Thursday, July 31, 2014

Videorecording of June BIBFRAME forum now available online

If you were unable to attend the most recent forum of the Bibliographic Framework Initiative (BIBFRAME) at the ALA annual meeting in June, a videorecording is now available online at http://www.loc.gov/today/cyberlc/feature_wdesc.php?rec=6323. The main speakers were Sally McCallum, Kevin Ford, Andrea Leigh (all of LC) and Philip Schreur of Stanford University Libraries. I was particularly interested in Kevin Ford's live demonstration of the prototype BIBFRAME editor, which became available a few months ago. Unfortunately, all the viewer sees during the live demo is Kevin typing on his computer; the screen he is typing on is not shown in the recording. For me, not being able to see the interface or what was being typed made the live demo worthless. This is clearly a case of "you had to be there."
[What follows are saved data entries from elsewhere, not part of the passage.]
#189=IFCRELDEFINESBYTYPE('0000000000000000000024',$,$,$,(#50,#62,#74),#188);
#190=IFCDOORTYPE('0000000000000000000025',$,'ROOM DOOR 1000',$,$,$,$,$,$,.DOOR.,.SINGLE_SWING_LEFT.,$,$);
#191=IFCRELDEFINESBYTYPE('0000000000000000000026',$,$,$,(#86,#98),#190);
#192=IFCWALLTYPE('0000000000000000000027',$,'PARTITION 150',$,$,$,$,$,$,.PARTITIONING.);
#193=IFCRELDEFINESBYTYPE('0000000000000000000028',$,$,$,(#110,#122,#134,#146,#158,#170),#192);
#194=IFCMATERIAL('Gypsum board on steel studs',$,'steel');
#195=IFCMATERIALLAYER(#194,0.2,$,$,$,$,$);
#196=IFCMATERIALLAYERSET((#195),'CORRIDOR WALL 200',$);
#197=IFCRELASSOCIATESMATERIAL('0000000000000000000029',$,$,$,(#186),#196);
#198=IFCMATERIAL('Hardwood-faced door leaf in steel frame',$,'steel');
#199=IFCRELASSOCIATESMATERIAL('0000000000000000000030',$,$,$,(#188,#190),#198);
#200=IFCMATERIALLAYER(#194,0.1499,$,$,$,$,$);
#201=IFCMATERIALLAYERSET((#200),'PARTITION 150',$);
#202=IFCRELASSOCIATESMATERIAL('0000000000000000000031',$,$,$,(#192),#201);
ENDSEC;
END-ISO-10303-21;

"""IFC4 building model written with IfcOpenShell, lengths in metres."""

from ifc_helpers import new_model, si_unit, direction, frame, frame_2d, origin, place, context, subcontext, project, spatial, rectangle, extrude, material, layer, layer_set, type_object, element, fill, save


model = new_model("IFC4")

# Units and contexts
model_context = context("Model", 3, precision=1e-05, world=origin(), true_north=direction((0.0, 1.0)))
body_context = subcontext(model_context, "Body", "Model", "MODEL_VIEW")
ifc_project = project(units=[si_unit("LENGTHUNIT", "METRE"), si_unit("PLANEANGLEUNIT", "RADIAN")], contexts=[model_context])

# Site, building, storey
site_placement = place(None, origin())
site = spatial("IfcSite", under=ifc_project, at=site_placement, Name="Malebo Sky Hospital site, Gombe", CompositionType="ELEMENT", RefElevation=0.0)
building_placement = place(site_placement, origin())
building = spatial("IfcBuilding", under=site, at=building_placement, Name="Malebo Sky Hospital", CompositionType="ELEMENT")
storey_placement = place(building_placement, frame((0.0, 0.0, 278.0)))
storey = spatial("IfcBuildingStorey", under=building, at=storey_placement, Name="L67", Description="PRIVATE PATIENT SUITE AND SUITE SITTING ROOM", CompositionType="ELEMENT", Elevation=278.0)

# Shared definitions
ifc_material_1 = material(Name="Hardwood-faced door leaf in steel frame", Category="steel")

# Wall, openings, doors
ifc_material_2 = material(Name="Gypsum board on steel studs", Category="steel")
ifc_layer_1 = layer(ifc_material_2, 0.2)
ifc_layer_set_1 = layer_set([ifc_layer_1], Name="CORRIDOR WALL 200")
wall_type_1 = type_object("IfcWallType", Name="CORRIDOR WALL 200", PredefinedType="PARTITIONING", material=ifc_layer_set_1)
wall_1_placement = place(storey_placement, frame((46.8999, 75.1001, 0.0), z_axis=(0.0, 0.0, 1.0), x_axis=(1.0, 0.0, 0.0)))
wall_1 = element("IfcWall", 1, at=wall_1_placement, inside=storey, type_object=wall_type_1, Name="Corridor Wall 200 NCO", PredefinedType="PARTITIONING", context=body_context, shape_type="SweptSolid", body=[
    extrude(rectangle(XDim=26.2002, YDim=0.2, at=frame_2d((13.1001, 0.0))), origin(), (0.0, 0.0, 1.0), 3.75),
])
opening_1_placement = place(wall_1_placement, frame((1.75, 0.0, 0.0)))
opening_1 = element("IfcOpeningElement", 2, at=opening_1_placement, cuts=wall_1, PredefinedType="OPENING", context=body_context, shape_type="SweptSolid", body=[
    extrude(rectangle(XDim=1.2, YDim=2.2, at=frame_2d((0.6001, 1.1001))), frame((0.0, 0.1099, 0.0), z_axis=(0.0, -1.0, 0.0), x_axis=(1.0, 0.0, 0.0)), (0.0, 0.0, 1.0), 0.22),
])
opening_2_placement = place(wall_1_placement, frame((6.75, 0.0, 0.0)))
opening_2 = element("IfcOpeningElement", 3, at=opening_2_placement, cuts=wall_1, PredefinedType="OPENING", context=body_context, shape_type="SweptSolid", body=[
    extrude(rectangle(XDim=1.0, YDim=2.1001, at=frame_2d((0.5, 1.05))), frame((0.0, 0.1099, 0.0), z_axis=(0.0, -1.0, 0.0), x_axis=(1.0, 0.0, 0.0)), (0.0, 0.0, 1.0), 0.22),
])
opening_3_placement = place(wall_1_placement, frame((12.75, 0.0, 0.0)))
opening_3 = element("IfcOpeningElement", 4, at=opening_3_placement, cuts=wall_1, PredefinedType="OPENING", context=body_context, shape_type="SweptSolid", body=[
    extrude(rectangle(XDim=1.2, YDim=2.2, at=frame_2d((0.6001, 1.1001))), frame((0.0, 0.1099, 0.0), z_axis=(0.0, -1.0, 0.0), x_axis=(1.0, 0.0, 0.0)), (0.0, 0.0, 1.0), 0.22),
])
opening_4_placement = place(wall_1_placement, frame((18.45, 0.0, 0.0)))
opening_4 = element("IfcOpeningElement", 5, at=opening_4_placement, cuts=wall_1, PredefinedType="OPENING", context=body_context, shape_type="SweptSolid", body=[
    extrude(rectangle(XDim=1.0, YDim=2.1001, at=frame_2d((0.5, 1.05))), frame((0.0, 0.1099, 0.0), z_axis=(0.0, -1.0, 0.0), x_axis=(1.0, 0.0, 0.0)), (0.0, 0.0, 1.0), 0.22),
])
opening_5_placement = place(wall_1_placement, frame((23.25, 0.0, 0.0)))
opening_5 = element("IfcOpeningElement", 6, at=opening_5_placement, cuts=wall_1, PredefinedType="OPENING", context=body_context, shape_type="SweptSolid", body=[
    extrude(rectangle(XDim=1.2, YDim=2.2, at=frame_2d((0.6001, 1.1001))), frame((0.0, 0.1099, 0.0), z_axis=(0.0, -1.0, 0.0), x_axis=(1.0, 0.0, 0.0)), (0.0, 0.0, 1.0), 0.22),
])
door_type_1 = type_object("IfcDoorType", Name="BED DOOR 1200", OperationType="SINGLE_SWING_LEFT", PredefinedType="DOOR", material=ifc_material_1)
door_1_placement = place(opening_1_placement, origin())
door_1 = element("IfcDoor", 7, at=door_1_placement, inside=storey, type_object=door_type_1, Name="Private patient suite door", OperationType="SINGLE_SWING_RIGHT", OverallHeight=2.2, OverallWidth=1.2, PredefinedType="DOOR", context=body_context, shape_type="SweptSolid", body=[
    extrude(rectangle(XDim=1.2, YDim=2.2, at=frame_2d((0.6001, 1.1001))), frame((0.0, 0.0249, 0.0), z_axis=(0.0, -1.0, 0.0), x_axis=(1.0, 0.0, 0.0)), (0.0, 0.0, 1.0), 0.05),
Philip Schreur presented an overview of a two-year grant-funded project in which Cornell University Library, Stanford University Libraries, and the Harvard Library Innovation Lab are collaborating. The goal of the project, called Linked Data for Libraries (LD4L for short) is to "create a Scholarly Resource Semantic Information Store (SRSIS) model that works both within individual institutions and through a coordinated, extensible network of Linked Open Data to capture the intellectual value that librarians and other domain experts and scholars add to information resources when they describe, annotate, organize, select, and use those resources, together with the social value evident from patterns of usage."
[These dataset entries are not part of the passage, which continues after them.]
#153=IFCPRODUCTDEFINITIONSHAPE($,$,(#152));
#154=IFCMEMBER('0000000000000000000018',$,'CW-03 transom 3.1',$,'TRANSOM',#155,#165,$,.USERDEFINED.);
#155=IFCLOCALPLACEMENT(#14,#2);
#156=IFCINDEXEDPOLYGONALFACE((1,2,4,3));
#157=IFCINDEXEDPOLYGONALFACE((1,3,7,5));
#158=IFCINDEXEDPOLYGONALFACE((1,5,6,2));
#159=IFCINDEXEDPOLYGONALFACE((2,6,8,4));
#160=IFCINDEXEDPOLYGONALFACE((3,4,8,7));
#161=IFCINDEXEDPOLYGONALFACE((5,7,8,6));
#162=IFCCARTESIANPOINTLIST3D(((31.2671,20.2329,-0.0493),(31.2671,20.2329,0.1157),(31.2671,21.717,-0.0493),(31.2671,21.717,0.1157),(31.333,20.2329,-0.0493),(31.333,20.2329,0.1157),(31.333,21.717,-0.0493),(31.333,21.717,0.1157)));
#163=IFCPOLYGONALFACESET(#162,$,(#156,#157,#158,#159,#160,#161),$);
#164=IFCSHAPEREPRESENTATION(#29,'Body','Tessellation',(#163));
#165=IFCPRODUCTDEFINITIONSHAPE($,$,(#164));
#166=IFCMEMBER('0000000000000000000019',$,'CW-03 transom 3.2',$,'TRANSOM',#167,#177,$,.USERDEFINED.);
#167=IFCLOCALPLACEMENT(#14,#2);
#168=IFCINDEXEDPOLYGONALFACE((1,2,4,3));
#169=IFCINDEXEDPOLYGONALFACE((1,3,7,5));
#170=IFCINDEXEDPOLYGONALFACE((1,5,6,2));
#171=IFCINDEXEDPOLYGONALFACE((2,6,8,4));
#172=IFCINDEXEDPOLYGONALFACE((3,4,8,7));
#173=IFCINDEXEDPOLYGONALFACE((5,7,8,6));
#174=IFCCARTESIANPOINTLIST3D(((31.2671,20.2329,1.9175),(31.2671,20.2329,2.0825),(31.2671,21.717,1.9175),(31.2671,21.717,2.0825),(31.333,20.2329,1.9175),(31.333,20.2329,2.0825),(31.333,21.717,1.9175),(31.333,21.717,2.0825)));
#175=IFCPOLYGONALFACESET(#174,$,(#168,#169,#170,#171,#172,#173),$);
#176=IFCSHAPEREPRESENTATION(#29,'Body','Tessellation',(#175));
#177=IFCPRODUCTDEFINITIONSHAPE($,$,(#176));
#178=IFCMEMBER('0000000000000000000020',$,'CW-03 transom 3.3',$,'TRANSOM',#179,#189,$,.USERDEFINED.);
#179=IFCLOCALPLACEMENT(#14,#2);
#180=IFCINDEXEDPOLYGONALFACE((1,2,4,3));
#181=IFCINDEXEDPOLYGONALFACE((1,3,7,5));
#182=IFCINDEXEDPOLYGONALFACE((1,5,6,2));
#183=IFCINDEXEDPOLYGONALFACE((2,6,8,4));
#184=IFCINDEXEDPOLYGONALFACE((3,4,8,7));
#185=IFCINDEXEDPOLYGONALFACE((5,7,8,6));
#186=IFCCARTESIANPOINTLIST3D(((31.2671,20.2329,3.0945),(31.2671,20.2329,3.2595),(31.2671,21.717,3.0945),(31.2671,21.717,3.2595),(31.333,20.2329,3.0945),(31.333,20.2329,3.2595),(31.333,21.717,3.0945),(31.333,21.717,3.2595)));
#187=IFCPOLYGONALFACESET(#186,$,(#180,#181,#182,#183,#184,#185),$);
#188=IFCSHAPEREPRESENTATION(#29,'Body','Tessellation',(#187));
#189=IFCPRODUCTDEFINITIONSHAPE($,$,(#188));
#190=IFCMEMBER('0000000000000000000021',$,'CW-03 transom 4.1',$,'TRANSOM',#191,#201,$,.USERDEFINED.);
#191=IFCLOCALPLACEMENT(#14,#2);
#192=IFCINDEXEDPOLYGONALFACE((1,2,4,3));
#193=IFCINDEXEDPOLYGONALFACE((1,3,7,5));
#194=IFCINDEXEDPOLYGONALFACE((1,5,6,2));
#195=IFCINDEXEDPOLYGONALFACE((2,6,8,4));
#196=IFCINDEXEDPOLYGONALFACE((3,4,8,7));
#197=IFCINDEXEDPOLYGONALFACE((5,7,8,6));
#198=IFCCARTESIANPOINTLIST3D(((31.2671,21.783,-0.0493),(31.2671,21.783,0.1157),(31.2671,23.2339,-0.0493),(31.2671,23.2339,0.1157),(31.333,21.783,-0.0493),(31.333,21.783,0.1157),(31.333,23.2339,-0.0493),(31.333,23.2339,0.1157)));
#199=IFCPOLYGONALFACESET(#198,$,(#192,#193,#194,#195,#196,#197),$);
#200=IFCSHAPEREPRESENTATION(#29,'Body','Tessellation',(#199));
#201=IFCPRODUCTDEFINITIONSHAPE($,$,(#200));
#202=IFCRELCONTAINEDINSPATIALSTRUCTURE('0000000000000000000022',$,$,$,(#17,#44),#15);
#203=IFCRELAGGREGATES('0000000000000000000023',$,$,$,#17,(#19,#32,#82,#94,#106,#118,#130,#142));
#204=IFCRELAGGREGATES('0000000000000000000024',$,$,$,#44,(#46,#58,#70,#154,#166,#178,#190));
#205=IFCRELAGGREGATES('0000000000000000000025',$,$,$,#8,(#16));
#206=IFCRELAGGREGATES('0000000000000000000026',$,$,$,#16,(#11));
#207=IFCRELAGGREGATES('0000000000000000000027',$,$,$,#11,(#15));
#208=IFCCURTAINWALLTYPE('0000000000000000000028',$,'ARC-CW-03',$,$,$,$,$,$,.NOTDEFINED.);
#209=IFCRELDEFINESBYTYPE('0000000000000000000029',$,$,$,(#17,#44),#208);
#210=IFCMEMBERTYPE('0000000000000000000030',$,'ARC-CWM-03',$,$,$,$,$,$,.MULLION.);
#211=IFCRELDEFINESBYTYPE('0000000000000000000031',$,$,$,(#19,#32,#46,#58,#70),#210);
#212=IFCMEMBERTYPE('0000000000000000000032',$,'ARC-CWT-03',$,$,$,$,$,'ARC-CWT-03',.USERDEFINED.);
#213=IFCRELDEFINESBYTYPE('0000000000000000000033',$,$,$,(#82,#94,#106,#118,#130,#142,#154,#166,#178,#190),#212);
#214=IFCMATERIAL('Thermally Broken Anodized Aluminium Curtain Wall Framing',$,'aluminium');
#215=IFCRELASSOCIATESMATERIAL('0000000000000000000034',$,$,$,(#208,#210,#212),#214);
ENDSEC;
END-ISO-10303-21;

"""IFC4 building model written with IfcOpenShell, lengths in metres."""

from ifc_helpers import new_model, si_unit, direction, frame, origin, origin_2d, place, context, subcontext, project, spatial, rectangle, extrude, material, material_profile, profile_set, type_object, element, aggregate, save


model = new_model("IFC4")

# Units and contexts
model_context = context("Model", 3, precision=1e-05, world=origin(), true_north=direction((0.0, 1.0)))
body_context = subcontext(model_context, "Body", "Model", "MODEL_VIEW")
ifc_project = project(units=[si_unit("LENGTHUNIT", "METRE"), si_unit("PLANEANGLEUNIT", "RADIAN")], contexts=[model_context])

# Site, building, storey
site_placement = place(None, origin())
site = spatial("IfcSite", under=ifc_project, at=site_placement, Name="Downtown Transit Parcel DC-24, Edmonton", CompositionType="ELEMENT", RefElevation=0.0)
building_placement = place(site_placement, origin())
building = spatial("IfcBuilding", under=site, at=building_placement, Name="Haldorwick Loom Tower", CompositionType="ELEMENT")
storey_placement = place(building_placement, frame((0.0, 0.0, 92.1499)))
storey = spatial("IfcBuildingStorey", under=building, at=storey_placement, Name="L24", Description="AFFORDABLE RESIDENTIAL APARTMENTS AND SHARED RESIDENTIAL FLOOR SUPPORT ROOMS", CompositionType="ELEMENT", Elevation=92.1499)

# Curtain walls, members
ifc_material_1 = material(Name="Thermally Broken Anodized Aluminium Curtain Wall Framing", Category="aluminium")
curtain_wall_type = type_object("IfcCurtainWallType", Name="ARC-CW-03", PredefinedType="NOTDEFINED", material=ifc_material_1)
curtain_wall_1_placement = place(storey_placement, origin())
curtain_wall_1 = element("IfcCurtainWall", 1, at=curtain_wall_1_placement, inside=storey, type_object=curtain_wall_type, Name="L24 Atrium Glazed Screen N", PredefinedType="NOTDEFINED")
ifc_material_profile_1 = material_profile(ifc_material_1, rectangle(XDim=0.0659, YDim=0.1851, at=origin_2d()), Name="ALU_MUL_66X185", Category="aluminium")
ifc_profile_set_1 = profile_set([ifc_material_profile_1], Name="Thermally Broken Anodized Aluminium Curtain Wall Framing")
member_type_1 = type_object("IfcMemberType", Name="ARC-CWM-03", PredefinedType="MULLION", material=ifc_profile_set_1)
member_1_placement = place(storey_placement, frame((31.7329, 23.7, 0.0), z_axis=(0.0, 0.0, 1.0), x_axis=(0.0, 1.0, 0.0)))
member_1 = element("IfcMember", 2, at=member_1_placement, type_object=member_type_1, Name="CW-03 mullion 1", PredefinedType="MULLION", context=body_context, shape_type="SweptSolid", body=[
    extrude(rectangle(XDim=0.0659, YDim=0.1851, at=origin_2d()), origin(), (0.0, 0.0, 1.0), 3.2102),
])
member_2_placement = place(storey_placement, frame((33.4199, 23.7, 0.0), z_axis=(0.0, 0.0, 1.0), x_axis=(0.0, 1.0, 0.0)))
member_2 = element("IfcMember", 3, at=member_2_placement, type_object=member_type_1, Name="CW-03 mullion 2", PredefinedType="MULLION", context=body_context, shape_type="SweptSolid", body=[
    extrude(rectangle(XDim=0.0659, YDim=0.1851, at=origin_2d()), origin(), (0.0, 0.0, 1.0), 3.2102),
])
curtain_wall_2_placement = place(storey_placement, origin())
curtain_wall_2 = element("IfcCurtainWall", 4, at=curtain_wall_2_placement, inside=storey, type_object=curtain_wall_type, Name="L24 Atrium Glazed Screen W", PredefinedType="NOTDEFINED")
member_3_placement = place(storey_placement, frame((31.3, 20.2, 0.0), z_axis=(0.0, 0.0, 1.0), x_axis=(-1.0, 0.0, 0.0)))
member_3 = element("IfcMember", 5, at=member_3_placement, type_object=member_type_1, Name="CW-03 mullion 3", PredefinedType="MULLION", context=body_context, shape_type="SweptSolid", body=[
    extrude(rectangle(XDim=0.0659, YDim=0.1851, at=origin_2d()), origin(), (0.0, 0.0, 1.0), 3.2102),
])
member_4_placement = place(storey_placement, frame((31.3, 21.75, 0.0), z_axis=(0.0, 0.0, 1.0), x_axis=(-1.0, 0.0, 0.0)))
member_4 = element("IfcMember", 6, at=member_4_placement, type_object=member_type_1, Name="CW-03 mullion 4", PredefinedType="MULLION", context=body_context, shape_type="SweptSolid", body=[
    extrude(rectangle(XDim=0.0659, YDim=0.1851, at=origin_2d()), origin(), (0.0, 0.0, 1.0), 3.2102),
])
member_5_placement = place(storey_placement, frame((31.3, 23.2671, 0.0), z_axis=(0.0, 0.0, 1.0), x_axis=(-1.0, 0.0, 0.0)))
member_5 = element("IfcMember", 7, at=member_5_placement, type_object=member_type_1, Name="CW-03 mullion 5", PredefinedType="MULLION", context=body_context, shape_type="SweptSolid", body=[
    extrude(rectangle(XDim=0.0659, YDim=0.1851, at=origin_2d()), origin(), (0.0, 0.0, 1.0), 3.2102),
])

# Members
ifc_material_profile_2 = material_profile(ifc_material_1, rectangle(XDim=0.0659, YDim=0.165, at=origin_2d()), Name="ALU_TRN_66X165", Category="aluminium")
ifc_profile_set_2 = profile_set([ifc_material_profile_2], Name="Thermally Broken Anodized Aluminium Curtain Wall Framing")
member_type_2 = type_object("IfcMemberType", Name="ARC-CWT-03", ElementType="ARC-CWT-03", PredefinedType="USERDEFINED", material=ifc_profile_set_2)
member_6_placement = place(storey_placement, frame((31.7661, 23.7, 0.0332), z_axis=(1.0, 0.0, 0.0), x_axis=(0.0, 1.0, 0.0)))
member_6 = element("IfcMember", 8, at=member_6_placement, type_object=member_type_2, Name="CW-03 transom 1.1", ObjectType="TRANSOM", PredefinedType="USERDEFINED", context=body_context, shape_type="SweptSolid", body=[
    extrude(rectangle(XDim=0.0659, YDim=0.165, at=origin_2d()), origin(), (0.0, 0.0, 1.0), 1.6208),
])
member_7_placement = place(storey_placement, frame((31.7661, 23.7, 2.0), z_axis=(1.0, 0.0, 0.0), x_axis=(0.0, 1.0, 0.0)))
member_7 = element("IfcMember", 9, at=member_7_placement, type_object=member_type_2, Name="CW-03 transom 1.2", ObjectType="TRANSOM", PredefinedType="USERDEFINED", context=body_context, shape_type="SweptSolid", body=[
Andrea Leigh described the background of a BIBFRAME AV modeling study (available at http://www.loc.gov/bibframe/pdf/bibframe-avmodelingstudy-may15-2014.pdf). The report was commissioned by the BIBFRAME team within the Network Development and Standards Office at the Library of Congress and aims to identify the content description needs of the moving image and recorded sound communities and specify how those requirements can be met within a generic bibliographic data model like BIBFRAME. The presentation did a good job of outlining the many complex challenges associated with the description of audio-visual resources, but did not hint at how these challenges might be addressed by BIBFRAME.   

The question-and-answer portion of the session is not particularly useful because the questions cannot be heard and no effort was made to repeat them so that they would be audible for the recording.